# Hall table



## bhatleberg (Sep 8, 2016)

Started making a shelf, wound up with this.

I like the way it holds flowers, though.

Reactions: Like 1 | EyeCandy! 1 | Way Cool 10


----------



## vegas urban lumber (Sep 8, 2016)

sweet. is that an old car jack. i love the combination of old industrial and re-purposed wood.


----------



## Reed Enright (Sep 8, 2016)

I love that


----------



## Palaswood (Sep 8, 2016)

That's really clever


----------



## Tony (Sep 8, 2016)

The more I look at it, the more I like it!
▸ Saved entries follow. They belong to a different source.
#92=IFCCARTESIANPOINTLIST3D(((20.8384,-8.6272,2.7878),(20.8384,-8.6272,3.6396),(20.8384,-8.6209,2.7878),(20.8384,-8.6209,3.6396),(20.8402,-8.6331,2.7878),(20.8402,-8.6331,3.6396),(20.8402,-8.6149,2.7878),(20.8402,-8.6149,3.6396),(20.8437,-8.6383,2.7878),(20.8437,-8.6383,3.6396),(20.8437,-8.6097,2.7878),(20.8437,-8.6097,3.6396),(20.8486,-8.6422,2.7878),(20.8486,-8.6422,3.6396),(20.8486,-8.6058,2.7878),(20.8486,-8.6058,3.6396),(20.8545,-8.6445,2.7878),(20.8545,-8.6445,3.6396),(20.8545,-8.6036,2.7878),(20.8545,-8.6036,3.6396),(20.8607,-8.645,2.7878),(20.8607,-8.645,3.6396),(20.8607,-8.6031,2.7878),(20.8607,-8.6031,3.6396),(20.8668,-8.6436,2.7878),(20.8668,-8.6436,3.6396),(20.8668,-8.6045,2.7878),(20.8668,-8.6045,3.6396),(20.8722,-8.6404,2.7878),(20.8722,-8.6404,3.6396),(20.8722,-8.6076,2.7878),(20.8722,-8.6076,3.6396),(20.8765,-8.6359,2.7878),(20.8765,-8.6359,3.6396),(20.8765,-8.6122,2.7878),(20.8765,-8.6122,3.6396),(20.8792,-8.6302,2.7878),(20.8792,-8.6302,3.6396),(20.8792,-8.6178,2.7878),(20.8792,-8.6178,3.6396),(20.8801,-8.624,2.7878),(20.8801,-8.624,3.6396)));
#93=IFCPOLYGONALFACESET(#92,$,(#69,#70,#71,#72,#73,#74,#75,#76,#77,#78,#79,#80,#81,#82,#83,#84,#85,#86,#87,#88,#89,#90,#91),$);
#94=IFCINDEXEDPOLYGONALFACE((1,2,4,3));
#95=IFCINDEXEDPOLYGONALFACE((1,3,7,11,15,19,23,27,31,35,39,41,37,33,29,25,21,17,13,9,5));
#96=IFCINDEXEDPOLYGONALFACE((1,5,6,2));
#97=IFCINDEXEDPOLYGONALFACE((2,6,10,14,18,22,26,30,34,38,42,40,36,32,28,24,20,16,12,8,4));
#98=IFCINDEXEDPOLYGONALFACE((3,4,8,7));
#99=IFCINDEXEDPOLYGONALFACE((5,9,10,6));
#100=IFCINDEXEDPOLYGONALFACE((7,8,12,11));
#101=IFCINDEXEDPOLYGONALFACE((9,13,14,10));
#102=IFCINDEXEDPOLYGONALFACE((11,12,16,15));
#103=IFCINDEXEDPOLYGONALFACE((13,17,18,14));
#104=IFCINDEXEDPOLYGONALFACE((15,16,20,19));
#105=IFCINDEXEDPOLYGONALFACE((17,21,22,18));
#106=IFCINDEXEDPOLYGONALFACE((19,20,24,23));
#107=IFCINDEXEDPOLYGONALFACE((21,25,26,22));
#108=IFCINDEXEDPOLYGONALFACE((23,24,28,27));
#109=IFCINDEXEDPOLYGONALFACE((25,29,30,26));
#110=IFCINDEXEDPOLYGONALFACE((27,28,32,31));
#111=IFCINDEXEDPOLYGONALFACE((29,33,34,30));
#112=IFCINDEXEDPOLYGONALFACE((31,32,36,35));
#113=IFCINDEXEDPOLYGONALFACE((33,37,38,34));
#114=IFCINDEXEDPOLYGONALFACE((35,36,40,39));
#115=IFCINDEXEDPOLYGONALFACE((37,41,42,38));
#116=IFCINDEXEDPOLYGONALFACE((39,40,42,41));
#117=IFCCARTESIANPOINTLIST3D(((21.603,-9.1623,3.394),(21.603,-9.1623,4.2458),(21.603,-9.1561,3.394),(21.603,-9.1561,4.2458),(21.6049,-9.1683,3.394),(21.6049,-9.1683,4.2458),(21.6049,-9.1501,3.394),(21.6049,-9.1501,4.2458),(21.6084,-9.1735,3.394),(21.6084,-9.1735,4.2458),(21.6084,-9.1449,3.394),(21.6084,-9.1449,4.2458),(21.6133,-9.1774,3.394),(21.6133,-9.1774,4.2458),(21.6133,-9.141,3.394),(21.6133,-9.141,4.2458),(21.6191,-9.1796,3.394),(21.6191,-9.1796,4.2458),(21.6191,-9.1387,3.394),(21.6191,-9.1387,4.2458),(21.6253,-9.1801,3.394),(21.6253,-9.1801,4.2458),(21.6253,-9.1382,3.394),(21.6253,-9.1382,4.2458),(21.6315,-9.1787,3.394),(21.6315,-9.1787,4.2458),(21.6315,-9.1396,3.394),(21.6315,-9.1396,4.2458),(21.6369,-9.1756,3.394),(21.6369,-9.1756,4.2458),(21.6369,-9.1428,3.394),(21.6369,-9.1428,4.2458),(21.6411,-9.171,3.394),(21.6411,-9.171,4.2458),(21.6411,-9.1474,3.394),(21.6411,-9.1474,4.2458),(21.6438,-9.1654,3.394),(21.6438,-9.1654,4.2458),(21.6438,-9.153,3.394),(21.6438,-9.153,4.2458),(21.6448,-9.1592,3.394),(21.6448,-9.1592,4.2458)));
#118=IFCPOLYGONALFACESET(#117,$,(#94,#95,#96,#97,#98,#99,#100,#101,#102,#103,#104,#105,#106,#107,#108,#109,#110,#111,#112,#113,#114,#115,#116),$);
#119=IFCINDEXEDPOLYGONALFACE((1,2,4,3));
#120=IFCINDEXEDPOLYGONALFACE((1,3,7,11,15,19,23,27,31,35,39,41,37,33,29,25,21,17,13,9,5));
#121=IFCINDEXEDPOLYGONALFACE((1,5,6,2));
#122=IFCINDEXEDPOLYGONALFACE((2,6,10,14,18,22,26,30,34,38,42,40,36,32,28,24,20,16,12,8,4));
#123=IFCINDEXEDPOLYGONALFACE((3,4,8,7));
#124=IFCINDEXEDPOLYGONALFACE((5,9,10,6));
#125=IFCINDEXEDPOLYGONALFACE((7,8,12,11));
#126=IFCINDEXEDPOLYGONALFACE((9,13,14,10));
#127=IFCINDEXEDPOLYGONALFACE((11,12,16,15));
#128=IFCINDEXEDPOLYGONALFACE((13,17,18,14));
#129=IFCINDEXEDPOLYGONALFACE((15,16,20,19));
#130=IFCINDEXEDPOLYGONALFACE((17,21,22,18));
Tony


----------



## barry richardson (Sep 8, 2016)

Really cool, what's the top made from?


----------



## bhatleberg (Sep 8, 2016)

The top is walnut. It's actually a piece of a broken down Victorian bed, though you wouldn't know it to look at it any more. Scrap cherry underneath that, just because it felt too thin from the front.


----------



## bhatleberg (Sep 8, 2016)

And yes, it's one of the old Ford jacks.


----------



## TimR (Sep 8, 2016)

That is outstanding! Man, I really like the contrast as well. Nice 'upcycle' I guess the term is...whatever you call it, it rocks!


----------